Workers / workerd: ssh2 fails to load because poly1305.js WASM is instantiated at module init

[mushan0x0]

Environment

• ssh2: 1.17.0
• Runtime: Cloudflare Workers (workerd) with compatibility_flags = ["nodejs_compat"], compatibility_date = 2025-04-01
• Bundler: @opennextjs/cloudflare 1.19.2 → Next.js 16 on Workers
• Node runtime used for local dev: 22.16

Symptom

When require('ssh2') is evaluated inside a Worker, workerd refuses to compile the WASM module that ships with lib/protocol/crypto/poly1305.js:

failed to asynchronously prepare wasm: CompileError: WebAssembly.instantiate(): Wasm code generation disallowed by embedder
RuntimeError: abort(CompileError: WebAssembly.instantiate(): Wasm code generation disallowed by embedder).
    at module `ssh2/lib/protocol/crypto.js` module evaluation

This happens because lib/protocol/crypto.js unconditionally calls

POLY1305_WASM_MODULE = await require('./crypto/poly1305.js')();

as part of the top-level init Promise. The Cloudflare workerd embedder disallows dynamic WebAssembly.instantiate outside of bundled wasm bindings, so ssh2 fails to load even when the user never plans to negotiate chacha20-poly1305@openssh.com.

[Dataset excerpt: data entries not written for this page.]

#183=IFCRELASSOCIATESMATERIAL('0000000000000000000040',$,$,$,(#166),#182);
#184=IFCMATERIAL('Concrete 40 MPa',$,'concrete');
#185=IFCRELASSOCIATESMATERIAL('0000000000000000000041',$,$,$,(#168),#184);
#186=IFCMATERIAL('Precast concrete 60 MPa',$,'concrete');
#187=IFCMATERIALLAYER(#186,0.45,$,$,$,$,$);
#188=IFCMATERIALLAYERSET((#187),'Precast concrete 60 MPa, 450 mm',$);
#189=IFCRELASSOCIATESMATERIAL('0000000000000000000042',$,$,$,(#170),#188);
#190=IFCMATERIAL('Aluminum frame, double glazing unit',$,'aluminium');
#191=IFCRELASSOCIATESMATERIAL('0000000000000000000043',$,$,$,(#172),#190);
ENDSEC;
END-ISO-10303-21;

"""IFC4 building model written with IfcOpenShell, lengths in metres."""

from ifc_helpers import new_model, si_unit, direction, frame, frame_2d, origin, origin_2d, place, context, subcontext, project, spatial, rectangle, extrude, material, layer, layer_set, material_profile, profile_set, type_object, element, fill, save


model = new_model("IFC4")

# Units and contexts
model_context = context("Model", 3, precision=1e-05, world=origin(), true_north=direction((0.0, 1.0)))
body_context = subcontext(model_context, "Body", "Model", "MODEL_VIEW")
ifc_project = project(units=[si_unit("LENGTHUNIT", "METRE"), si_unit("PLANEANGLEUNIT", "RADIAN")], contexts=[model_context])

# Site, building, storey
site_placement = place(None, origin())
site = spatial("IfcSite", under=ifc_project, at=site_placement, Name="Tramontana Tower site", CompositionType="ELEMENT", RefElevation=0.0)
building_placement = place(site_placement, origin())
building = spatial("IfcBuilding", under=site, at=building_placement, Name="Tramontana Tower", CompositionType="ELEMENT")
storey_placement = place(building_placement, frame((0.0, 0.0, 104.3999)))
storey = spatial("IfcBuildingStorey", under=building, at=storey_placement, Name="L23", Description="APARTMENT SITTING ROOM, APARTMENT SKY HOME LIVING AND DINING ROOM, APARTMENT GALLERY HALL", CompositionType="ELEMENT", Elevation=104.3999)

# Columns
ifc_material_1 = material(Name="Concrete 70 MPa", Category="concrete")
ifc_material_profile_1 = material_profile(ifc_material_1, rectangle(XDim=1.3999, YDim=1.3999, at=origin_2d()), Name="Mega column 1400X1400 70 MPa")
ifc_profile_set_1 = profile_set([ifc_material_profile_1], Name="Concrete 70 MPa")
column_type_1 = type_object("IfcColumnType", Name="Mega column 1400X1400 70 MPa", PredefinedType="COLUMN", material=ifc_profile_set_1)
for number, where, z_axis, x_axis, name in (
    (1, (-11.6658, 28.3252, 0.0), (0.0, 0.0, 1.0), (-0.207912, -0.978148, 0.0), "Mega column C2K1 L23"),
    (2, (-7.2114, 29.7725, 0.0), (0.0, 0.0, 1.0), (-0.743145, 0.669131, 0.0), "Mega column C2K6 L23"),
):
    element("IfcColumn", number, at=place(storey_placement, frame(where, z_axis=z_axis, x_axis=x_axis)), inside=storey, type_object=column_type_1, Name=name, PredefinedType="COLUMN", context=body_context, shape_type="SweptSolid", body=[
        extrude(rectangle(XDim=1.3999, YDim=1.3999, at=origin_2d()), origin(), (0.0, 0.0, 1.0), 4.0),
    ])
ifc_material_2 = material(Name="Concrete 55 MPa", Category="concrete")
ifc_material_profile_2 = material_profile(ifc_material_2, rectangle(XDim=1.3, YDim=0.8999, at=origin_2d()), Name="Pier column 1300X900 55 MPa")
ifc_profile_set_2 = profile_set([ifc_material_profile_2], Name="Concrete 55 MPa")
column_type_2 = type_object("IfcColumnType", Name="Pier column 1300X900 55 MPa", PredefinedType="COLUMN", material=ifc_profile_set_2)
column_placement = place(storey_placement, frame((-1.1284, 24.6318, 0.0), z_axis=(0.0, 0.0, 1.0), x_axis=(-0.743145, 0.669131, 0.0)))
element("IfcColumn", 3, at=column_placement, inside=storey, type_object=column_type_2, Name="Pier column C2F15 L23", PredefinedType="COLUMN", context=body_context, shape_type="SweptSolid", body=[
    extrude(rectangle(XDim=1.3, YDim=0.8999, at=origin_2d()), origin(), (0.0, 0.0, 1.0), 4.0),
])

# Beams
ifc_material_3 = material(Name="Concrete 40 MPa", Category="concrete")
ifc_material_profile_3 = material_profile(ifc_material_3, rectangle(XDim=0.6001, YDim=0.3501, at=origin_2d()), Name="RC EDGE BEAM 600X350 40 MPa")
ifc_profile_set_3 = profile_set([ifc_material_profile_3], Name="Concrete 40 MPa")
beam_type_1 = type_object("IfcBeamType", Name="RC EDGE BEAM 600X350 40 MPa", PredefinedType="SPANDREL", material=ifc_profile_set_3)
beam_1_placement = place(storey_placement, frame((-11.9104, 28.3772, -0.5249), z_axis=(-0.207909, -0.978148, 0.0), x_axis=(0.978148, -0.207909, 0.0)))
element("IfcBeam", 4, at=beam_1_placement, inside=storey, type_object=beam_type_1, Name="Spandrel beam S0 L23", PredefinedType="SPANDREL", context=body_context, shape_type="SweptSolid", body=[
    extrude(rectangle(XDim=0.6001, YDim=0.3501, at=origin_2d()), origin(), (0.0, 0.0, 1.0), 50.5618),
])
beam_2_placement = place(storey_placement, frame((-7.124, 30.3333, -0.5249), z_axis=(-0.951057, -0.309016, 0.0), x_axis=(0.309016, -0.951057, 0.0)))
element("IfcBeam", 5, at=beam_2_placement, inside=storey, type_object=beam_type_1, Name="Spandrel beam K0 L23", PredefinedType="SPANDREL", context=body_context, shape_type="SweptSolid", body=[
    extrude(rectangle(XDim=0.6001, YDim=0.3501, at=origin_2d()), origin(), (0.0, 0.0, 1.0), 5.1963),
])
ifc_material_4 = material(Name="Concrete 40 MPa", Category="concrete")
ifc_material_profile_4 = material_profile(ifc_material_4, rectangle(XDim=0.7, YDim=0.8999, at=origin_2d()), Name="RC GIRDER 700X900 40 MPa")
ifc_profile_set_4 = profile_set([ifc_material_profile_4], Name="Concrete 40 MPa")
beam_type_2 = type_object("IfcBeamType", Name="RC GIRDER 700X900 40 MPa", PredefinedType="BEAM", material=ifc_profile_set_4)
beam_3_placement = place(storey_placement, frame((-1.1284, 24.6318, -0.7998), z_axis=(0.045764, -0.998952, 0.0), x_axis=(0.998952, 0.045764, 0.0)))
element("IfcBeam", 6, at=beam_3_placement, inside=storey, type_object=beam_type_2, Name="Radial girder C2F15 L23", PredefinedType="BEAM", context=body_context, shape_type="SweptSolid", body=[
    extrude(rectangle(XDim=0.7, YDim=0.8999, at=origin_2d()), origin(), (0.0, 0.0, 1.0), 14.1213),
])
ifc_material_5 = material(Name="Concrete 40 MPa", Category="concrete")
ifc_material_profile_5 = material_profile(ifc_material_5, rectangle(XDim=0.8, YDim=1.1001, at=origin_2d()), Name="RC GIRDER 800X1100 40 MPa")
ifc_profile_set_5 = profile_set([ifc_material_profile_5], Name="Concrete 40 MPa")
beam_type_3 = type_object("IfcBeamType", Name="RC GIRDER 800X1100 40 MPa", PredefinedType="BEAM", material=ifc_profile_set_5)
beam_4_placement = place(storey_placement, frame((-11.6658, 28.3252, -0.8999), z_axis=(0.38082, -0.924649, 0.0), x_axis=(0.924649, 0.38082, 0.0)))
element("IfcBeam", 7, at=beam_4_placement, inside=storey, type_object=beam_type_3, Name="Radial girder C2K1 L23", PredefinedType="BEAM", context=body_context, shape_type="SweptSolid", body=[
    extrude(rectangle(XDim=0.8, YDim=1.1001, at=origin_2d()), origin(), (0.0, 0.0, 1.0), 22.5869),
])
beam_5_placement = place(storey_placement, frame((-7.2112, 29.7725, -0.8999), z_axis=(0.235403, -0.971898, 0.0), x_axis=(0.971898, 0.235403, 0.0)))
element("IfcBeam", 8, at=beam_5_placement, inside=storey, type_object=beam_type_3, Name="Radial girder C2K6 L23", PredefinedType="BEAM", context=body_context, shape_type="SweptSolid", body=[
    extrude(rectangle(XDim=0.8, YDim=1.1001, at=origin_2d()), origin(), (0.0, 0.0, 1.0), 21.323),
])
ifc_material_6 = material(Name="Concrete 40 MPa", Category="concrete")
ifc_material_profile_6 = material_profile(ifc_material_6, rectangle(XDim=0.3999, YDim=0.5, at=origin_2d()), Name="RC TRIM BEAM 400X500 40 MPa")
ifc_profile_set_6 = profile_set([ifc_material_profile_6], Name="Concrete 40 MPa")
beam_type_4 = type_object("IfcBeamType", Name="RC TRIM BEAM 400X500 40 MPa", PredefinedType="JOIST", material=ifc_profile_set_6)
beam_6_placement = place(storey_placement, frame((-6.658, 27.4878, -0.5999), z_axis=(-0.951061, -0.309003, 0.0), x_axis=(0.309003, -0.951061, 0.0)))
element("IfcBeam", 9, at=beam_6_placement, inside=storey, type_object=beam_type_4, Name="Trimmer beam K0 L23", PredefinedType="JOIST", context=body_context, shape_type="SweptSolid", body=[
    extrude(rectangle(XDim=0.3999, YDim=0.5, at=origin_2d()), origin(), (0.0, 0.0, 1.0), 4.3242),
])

Why not just call ssh2.init() on demand?

The init IIFE is evaluated at module-load time, so the failure is unavoidable for any consumer that imports ssh2 under workerd. Wrapping our own require('ssh2') in try/catch does not help because the WebAssembly.instantiate call is what throws, and it happens inside the module initialiser.

Impact

All ssh2 consumers on Cloudflare Workers (or any runtime that restricts dynamic WASM, e.g. some Electron sandboxing profiles, Deno with --no-dynamic-wasm) can't use ssh2 at all, even for AES-GCM / AES-CTR sessions that would never touch the poly1305 code path.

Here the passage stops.